More research is needed on the links between specific weapons regulations and fatalities, but “the data supports the common-sense conclusion that gun laws are a significant factor in a state’s rate of gun deaths,” said the report.

Since the report’s release last month, The Chronicle has forwarded it for comment to four gun-rights organizations: the National Rifle Association, the National Shooting Sports Foundation, Gun Owners of America and its state affiliate, Gun Owners of California. None replied to calls or e-mails.

Other recent studies have reached similar conclusions. A researcher at the University of Alabama at Birmingham reported in July that states requiring comprehensive background checks before gun purchases had lower death rates than those without such requirements.

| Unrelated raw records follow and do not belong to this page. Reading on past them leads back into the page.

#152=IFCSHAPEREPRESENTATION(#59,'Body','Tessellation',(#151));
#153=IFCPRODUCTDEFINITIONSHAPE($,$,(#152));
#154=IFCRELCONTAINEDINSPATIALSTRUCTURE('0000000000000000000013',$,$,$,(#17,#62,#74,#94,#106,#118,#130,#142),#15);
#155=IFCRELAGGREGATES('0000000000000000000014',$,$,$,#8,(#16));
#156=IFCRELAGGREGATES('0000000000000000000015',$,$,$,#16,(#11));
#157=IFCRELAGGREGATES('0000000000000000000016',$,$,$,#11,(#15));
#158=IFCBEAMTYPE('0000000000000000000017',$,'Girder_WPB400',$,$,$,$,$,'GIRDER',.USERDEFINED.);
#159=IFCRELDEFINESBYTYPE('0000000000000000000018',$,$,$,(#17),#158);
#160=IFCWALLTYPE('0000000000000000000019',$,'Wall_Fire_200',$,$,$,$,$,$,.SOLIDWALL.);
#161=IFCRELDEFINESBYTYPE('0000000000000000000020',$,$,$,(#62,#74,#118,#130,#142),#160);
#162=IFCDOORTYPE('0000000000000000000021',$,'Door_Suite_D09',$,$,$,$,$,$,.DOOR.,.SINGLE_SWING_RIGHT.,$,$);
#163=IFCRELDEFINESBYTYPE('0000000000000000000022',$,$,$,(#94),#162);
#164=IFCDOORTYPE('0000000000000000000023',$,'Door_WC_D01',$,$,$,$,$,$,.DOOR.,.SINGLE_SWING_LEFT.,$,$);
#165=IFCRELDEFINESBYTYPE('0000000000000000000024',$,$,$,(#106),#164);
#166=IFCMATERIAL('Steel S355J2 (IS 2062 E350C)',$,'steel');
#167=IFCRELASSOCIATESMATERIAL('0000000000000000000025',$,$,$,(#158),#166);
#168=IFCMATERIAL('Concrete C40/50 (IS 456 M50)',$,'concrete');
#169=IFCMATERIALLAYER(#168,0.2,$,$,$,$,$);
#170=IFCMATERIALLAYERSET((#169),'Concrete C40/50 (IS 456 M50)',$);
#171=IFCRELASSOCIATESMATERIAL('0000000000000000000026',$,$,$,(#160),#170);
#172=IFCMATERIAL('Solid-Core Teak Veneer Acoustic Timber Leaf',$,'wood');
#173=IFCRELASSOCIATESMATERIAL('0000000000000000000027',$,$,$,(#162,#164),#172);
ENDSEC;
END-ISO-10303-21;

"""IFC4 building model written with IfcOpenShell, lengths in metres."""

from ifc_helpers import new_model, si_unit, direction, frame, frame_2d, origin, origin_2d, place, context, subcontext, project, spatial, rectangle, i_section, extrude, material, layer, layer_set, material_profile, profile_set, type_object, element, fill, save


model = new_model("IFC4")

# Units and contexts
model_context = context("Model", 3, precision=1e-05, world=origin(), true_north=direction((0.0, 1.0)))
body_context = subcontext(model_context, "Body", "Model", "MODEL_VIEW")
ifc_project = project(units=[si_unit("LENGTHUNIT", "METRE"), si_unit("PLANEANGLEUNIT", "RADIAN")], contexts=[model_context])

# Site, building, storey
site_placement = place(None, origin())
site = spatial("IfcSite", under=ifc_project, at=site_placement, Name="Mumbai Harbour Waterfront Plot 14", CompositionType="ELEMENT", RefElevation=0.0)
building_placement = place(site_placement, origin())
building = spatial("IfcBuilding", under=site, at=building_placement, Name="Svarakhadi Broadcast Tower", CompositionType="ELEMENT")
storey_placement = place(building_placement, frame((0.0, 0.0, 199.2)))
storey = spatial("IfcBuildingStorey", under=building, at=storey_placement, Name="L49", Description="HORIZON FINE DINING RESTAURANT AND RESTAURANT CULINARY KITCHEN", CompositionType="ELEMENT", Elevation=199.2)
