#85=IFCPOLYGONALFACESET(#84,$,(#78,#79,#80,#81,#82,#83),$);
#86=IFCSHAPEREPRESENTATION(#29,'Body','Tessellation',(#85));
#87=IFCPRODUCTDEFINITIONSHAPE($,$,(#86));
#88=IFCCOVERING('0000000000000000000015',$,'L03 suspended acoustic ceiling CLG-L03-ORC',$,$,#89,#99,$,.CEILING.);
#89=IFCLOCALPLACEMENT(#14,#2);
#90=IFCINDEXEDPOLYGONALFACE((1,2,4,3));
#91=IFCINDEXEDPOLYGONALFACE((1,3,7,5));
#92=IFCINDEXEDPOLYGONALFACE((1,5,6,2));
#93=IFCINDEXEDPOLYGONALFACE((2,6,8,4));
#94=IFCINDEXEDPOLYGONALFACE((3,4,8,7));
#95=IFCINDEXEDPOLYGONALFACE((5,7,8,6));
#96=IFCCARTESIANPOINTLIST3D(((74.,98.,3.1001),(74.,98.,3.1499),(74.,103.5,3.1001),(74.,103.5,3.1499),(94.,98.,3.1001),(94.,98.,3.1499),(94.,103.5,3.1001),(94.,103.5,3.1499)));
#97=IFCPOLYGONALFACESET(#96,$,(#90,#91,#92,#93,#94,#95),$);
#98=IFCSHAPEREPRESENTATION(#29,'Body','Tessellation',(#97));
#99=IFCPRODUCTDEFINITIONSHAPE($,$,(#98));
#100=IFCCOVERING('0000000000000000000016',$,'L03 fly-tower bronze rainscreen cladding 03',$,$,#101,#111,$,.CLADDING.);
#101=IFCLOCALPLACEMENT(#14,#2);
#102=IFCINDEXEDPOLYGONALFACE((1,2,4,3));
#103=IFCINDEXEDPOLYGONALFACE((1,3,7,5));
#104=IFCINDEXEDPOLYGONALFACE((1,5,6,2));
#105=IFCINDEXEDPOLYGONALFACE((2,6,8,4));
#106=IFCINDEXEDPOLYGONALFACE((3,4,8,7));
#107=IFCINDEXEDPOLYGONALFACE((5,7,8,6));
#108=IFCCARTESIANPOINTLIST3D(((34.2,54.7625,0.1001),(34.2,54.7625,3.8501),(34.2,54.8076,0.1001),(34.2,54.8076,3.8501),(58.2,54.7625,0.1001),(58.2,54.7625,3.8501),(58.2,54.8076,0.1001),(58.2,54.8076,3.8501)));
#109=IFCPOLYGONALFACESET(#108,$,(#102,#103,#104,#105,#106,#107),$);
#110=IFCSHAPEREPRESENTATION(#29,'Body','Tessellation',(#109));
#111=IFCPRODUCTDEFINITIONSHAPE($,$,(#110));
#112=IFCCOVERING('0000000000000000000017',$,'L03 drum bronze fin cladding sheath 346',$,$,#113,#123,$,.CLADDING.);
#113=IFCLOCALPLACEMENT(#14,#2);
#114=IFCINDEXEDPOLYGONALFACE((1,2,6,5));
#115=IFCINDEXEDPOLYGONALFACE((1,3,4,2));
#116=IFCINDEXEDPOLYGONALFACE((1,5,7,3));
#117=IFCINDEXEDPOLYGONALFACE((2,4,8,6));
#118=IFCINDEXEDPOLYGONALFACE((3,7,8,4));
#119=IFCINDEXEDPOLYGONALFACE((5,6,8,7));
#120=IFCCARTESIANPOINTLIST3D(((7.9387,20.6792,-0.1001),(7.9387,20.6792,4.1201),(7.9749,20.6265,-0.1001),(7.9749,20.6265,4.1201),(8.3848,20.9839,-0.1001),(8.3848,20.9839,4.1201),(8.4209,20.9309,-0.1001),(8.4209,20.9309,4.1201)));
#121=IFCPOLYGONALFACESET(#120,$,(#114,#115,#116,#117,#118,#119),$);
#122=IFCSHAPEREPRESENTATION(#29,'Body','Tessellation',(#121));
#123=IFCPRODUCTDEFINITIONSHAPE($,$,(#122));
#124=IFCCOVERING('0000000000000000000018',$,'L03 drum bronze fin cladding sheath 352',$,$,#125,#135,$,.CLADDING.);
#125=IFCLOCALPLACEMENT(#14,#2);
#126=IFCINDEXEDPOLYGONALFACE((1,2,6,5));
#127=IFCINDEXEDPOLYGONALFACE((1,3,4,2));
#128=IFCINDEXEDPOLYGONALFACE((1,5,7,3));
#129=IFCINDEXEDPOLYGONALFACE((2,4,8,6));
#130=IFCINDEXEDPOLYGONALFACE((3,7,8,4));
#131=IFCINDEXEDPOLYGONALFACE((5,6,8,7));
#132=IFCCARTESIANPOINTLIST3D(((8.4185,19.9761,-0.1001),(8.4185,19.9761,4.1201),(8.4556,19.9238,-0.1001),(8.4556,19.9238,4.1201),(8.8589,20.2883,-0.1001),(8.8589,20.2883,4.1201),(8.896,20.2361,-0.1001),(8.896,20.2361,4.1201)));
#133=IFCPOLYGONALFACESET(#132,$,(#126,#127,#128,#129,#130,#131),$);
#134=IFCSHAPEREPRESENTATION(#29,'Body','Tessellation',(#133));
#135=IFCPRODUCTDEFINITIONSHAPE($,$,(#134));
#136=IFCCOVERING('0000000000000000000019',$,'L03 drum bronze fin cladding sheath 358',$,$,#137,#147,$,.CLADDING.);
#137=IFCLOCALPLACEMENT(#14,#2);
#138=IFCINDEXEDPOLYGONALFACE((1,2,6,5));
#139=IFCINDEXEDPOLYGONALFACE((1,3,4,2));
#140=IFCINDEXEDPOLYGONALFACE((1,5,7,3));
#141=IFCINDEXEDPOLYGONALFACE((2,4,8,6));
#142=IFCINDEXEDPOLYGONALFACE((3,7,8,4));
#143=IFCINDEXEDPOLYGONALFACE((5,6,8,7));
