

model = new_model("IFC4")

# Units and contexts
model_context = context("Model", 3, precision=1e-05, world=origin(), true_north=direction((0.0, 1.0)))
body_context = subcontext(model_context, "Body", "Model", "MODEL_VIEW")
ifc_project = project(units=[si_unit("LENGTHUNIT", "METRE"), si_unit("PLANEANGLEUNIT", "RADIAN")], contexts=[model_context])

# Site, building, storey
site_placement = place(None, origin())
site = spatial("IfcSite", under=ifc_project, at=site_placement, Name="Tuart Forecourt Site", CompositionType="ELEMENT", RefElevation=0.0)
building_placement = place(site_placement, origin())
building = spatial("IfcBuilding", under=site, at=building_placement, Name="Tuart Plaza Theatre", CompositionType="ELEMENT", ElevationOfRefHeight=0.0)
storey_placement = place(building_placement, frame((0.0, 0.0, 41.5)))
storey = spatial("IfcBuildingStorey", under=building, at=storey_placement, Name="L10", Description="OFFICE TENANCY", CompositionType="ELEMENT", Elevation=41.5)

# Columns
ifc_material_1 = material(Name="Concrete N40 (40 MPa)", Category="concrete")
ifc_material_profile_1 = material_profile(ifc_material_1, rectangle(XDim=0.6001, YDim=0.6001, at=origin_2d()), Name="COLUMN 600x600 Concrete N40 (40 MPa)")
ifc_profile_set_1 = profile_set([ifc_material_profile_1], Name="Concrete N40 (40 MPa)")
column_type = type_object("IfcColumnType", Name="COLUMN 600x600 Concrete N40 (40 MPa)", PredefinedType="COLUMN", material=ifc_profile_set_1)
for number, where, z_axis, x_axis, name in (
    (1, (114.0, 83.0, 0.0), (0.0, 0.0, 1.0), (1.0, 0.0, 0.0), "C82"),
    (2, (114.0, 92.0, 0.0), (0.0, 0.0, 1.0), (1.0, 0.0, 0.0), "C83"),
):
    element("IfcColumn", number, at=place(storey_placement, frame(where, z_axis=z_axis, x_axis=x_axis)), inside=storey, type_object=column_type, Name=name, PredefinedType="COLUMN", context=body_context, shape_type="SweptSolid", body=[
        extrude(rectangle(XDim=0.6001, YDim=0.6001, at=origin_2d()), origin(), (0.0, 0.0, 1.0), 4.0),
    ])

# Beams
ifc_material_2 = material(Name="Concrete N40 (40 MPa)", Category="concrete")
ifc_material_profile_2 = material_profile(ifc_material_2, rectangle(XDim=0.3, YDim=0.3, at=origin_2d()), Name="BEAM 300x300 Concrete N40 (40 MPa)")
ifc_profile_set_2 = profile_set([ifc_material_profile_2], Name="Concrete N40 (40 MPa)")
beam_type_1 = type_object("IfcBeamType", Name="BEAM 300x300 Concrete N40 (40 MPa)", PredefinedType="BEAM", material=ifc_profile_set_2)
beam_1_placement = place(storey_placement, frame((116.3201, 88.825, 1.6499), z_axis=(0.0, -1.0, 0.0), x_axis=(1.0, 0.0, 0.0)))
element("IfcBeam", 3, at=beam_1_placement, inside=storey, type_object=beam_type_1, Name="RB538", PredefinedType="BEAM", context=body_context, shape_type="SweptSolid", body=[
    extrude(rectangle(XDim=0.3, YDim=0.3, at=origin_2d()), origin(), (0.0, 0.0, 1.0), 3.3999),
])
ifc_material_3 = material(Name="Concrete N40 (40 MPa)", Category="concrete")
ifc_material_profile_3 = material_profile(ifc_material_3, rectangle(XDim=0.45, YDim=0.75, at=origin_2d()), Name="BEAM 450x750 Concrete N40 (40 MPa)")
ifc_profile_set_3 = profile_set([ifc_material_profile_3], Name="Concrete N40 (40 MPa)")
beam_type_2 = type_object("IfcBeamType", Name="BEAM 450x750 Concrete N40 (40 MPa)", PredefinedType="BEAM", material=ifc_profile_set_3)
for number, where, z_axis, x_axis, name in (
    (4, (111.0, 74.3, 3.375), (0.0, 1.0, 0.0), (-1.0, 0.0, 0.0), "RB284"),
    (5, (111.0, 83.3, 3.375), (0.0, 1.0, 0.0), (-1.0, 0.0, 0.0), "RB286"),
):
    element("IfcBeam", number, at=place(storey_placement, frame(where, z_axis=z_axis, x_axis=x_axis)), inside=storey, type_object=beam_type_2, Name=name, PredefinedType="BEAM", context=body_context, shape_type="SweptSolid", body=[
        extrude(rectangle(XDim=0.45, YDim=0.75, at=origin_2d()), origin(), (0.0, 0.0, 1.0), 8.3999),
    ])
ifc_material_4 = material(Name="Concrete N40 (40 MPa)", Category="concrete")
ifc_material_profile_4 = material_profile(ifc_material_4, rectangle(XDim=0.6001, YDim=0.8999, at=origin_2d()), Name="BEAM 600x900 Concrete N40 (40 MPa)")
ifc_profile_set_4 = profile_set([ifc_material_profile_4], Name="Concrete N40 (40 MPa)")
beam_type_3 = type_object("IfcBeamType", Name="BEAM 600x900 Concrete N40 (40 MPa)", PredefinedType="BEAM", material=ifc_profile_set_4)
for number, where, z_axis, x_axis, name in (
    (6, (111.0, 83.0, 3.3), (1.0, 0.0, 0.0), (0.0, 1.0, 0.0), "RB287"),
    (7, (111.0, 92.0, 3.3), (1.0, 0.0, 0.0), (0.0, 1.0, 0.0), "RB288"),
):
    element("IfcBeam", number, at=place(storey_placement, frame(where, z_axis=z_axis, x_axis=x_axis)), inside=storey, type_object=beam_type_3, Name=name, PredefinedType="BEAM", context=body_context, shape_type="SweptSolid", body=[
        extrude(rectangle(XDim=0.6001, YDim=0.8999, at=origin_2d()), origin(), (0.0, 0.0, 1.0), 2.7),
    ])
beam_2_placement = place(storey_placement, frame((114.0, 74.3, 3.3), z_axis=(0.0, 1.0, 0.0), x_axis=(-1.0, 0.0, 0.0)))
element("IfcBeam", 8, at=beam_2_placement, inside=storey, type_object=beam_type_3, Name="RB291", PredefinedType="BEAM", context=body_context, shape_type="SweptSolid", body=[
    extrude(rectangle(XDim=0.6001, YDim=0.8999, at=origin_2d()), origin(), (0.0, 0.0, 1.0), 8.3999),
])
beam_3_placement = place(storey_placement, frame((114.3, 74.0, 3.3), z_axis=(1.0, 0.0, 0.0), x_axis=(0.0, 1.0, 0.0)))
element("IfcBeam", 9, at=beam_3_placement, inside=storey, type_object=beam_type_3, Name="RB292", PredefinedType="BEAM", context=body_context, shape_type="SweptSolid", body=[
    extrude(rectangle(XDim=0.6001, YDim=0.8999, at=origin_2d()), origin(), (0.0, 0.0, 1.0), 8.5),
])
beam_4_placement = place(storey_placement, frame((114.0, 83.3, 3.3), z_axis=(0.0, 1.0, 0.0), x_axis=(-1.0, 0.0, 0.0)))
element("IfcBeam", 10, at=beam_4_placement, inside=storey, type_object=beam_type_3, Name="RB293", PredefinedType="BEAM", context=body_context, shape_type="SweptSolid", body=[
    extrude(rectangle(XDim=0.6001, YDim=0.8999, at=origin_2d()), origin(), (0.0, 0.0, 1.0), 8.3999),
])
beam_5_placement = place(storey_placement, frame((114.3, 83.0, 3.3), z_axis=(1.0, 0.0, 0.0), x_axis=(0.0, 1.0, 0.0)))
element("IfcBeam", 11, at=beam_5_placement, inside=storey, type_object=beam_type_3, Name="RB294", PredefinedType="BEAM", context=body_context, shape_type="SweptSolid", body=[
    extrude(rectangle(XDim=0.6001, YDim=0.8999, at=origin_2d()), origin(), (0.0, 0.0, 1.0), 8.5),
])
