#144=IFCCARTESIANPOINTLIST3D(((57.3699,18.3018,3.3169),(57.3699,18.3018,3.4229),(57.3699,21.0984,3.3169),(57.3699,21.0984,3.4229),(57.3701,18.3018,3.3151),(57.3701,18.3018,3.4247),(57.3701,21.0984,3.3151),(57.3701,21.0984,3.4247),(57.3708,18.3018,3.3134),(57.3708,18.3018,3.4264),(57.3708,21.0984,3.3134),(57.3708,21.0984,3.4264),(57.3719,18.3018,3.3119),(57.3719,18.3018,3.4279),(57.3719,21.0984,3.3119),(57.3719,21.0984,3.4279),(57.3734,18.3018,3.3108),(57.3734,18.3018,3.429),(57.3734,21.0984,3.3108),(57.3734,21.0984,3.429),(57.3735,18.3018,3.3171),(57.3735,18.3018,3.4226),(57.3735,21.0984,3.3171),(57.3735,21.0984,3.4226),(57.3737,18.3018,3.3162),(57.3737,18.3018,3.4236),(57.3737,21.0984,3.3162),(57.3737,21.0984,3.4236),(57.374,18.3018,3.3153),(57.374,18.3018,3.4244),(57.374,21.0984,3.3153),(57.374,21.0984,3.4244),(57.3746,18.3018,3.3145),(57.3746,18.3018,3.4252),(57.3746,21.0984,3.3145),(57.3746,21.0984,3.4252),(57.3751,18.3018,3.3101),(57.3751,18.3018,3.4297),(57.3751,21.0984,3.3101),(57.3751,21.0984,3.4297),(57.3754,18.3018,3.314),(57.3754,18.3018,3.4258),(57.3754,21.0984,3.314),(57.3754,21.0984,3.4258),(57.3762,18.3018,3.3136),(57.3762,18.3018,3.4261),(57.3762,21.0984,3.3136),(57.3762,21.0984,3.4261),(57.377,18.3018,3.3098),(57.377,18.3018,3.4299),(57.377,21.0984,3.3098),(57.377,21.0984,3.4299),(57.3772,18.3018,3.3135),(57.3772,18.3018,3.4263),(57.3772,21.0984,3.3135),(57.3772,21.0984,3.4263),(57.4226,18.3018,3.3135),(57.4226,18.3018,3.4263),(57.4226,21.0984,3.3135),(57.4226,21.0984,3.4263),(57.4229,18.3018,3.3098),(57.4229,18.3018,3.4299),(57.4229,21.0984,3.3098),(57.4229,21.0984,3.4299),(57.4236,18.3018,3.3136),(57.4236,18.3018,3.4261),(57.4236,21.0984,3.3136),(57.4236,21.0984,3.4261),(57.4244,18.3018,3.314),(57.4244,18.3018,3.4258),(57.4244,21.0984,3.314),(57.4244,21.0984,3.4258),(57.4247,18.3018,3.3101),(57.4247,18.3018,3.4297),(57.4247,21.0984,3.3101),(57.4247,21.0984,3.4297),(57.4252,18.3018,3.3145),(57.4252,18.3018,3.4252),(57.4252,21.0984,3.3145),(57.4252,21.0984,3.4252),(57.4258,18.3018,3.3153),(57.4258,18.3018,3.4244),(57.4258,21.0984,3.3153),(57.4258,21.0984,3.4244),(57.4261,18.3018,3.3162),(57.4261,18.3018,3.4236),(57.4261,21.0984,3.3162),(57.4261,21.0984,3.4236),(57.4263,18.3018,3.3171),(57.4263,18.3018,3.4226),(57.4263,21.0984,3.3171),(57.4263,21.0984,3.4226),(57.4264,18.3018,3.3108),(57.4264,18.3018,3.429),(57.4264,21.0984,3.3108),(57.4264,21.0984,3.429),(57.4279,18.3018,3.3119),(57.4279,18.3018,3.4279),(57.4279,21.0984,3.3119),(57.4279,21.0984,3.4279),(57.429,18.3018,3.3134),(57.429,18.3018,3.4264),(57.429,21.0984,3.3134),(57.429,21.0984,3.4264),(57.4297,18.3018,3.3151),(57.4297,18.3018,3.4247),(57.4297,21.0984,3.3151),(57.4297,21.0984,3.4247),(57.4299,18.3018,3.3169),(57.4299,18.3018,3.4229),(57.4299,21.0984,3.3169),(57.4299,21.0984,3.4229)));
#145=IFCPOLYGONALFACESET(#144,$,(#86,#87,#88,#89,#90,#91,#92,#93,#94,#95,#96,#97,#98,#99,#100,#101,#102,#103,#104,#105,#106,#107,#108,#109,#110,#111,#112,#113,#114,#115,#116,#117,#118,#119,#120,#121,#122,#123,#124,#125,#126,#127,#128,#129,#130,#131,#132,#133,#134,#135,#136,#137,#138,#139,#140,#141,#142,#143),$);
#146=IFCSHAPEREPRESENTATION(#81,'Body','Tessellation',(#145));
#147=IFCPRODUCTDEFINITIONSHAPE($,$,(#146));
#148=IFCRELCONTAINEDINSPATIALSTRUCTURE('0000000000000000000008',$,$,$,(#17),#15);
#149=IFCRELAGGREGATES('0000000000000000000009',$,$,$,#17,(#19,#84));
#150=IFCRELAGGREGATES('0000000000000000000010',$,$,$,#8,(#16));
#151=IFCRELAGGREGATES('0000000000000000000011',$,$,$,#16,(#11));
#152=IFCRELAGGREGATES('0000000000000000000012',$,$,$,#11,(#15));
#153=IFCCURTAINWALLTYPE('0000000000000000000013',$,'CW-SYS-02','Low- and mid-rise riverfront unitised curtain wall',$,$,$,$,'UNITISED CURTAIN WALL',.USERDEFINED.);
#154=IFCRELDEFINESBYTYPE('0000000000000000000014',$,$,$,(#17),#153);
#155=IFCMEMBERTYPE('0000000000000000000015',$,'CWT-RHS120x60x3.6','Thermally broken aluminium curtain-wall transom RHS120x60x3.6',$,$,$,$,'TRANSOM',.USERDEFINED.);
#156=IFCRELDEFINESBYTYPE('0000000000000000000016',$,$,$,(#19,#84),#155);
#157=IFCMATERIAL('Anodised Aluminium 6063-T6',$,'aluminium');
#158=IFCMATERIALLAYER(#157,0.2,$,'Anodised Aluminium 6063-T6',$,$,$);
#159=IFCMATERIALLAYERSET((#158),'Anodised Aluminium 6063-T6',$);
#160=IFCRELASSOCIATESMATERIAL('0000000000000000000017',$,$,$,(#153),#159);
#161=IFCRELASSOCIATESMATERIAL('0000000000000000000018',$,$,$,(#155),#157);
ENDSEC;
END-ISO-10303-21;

But as long as the federal government leaves gun regulations largely up to each state, the effectiveness of any state’s laws is inherently limited, said Laura Cutiletta, an attorney at the law center that conducted the study.

California, for example, bans most semiautomatic rifles, including the Bushmaster .223 that Adam Lanza used to kill 20 students and six educators at a Newtown, Conn., elementary school this month. But the rifles are legal in neighboring Nevada, and can be taken easily — though illegally — to California.

The Bushmaster is also legal in Connecticut, a circumstance that Cutiletta said illustrates the modest level of gun regulation even in states ranked high in the law center’s survey.

While Connecticut is one of about 10 states with any restrictions on semiautomatic rifles, it prohibits them only if they have certain additional features, such as a pistol grip and a folding or collapsible stock.

The Bushmaster that Lanza reportedly used-was a version of the widely sold AR-15 rifle, and had been legally purchased by his mother, whom he killed before taking her guns and heading to the school.

A federal assault weapons law, in effect from 1994 to 2004, also banned semiautomatic weapons only if they had specific features. Sen. Dianne Feinstein, D-Calif., sponsored that law after a gunman used assault weapons to kill eight people and then took his own life at 101 California St. in San Francisco.

Feinstein is proposing a more far-reaching national law in the wake of the Newtown bloodbath.

Although the federal law has been widely regarded as ineffectual, Cutiletta cited a 2004 study commissioned by President George W. Bush’s Justice Department that found assault weapon use in gun crimes dropped by 17 to 72 percent in six cities during the decade. On the other hand, use of large-caliber ammunition magazines increased through the late 1990s, probably because the ban did not apply to weapons acquired before 1994, the study said.